Atendi ao convite de um amigo para uma das “gafieiras” de BH. Para mim seria novidade. Afinal, por acreditar que não podia dançar, imaginava que seria antipatizado nesses ambientes. Por outro lado, não havia restrição ou proibição formal a mim ou a qualquer PcD. Então, que eu me jogasse naquela experiência.
O amigo chegou por volta de dez e saímos para a noite. Na avenida Bias Fortes, quase com Tupis e Rio Grande do Sul, a dois quarteirões da Praça Raul Soares, estava o então famoso, Elite. Também eram muito conhecidos e bem frequentados por entusiastas boêmios o Clube Montanhês e o Estrela. Hoje, muitos anos depois, citar tais nomes me remete a um tempo de muita energia, próprio da juventude, em que cada nova experiência motivava regozijo.
Subi, com dificuldade, um lance longo de escadas apinhadas de pessoas e sem corrimãos, num sobe e desce animado, colorido por sorrisos, blushes e batons. Singularidade para mim; eu experimentava a disposição daquelas pessoas enquanto ouvia o samba de break “Olha o Padilha” (1952) de Bruno Gomes, Ferreira Gomes e Moreira da Silva, grande sucesso na voz desse último.
Por sorte, conseguimos uma mesa próxima à janela que dava para a avenida. E encontramos vaga de estacionamento quase em frente ao Clube. A noite começava bem.
De minha privilegiada posição, podia observar os casais dançando, sem trânsito de pessoas naquele ponto, um pouco afastado da pista e do palco. Tocavam “Sem compromisso” (1944) de Geraldo pereira e Nelson Trigueiro, que havia sido regravada recentemente por Chico Buarque.

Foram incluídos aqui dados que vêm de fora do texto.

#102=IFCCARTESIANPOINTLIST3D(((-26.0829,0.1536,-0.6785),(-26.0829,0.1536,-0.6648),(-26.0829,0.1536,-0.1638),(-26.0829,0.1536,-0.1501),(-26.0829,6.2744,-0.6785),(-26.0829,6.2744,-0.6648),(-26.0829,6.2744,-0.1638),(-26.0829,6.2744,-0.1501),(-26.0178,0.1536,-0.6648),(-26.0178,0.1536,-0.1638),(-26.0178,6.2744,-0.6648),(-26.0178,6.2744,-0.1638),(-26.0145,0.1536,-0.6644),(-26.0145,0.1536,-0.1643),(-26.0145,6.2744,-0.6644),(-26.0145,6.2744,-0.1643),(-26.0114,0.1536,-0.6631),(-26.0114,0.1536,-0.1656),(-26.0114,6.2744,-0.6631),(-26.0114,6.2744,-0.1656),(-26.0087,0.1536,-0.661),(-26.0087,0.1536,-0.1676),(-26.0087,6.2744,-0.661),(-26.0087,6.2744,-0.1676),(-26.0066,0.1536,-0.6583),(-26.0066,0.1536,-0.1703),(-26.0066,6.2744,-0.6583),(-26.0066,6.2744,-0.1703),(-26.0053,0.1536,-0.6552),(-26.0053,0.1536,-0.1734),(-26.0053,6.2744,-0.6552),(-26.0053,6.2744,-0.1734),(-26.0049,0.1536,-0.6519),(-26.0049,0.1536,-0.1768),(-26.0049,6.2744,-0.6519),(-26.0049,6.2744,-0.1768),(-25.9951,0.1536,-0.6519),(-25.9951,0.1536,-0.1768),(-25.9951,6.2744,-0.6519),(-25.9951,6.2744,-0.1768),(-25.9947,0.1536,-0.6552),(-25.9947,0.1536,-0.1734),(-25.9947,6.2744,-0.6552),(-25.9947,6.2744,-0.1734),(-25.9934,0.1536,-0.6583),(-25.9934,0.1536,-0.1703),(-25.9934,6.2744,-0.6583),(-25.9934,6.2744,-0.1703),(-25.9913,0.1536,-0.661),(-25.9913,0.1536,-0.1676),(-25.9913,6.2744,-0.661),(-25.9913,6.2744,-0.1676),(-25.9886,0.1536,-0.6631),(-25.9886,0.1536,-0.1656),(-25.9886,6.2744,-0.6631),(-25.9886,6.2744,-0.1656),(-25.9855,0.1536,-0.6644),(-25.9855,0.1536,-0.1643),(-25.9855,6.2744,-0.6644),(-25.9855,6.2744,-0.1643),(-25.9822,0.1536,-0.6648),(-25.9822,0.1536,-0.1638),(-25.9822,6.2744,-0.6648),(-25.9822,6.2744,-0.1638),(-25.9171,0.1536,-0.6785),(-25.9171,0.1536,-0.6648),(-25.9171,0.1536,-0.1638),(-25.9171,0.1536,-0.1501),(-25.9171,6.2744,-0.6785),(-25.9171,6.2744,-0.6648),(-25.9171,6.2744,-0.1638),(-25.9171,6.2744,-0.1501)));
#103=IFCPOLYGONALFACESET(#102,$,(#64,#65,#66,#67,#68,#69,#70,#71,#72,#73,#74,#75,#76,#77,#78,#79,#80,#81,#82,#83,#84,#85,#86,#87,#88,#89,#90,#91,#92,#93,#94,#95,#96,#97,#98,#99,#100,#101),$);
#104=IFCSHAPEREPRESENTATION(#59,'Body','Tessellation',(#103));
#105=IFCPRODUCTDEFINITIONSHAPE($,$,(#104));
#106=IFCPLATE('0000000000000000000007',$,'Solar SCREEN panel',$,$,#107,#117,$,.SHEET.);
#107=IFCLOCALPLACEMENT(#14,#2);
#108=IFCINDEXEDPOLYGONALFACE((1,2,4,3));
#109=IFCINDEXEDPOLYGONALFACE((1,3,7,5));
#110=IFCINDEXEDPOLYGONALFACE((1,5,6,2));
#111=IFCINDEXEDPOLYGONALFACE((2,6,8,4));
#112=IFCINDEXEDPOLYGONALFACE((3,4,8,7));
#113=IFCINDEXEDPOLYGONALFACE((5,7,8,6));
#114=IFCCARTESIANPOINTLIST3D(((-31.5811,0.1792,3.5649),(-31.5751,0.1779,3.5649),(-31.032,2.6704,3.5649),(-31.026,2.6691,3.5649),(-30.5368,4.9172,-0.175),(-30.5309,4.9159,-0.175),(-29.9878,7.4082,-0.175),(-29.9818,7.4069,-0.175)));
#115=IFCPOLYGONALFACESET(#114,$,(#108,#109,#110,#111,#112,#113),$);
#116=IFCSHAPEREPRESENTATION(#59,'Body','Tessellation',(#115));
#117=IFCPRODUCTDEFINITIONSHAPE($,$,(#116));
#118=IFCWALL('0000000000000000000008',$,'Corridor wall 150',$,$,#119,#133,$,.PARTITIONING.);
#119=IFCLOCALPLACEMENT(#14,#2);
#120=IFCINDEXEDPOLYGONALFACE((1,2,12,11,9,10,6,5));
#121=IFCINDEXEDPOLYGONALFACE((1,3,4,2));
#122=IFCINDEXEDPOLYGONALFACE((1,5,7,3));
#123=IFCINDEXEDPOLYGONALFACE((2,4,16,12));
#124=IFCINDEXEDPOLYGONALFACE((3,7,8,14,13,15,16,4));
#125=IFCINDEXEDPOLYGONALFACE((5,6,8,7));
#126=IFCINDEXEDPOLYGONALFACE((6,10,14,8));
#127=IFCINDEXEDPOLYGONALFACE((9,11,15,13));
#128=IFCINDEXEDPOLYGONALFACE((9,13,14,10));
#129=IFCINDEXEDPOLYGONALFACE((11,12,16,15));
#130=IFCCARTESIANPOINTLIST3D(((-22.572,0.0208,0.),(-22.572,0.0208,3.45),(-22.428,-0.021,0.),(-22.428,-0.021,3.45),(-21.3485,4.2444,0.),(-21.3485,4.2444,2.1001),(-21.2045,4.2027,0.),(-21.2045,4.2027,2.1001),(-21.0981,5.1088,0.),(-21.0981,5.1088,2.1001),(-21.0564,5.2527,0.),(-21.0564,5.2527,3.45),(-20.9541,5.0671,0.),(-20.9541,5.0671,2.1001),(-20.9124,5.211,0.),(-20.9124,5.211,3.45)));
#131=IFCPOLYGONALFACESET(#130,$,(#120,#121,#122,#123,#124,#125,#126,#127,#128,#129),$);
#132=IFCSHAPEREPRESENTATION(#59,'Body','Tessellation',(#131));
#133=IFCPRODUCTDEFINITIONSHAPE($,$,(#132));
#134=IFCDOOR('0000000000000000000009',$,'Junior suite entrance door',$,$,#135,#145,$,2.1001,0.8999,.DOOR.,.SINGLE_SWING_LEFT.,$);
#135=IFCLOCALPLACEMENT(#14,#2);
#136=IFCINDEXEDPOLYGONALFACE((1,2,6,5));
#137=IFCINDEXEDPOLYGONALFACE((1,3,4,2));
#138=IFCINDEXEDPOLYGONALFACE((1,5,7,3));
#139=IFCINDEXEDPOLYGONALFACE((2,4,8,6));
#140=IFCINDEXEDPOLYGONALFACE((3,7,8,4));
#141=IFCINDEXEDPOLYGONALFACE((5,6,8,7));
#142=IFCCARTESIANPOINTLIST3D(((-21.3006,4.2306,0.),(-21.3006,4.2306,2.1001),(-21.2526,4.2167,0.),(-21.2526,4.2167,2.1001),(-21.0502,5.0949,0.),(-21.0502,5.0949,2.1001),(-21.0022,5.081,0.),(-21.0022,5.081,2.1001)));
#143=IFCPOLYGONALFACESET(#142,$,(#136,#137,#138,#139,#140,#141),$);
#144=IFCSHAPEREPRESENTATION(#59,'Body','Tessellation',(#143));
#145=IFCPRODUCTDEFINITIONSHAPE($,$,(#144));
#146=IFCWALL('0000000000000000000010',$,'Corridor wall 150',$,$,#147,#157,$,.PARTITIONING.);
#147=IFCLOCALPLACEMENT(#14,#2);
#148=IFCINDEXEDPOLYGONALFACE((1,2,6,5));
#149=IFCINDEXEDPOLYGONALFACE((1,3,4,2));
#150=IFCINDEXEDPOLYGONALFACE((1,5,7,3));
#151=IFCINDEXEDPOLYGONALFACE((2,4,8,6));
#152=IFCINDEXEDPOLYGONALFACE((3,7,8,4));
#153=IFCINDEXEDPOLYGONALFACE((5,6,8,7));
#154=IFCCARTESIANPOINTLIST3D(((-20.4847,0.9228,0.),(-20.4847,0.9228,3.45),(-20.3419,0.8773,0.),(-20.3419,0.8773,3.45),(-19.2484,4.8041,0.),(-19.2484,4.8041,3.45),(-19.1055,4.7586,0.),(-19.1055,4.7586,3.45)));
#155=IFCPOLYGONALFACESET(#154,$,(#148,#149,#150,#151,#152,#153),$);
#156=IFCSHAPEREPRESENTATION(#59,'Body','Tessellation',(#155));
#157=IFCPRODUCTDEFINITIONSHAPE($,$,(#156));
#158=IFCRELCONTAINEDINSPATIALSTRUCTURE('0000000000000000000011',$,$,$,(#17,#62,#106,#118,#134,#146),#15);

Notei uma bela moça, loura, mignon, numa mesa com dois casais. Naquele tempo, chamávamos a tal situação de “estar de vela”, ou seja, alguém que estava “sobrando”. Percebi que ela também me observava. Era um tempo em que se fumava sem restrições nesses ambientes e ela veio até a janela, próxima de mim, para “respirar” um pouco. Ao se aproximar, com seu vestido caqui, perfeito, trocamos olhares e ela, com um lindo sorriso, perguntou se eu não a chamaria para dançar. Expliquei a razão pela qual não conseguiria. Ela parece ter entendido e se afastou.
Bem mais tarde, meu amigo queria ficar e eu já iria embora. Quando me dirigi à escada, com delicada mão, tocou meu ombro e, com voz meiga, sensual como a de Íris Lettieri, descalça, segurando as sandálias de tiras, perguntou: “pode me dar uma carona?”
Show.
Velho Elite.
Bons tempos
Também tenho saudades.
Abraços.
Que delícia de artigo! Sua forma de descrever as cenas proporciona uma viagem que faz parecer estar ali vivenciando cada acontecimento. Que tal escrever um livro, um filme?
Acredito que será um sucesso! Parabéns Mário Sérgio Rodrigues Ananias! Seus artigos são incríveis!
Valeu, inclusive pelas dicas.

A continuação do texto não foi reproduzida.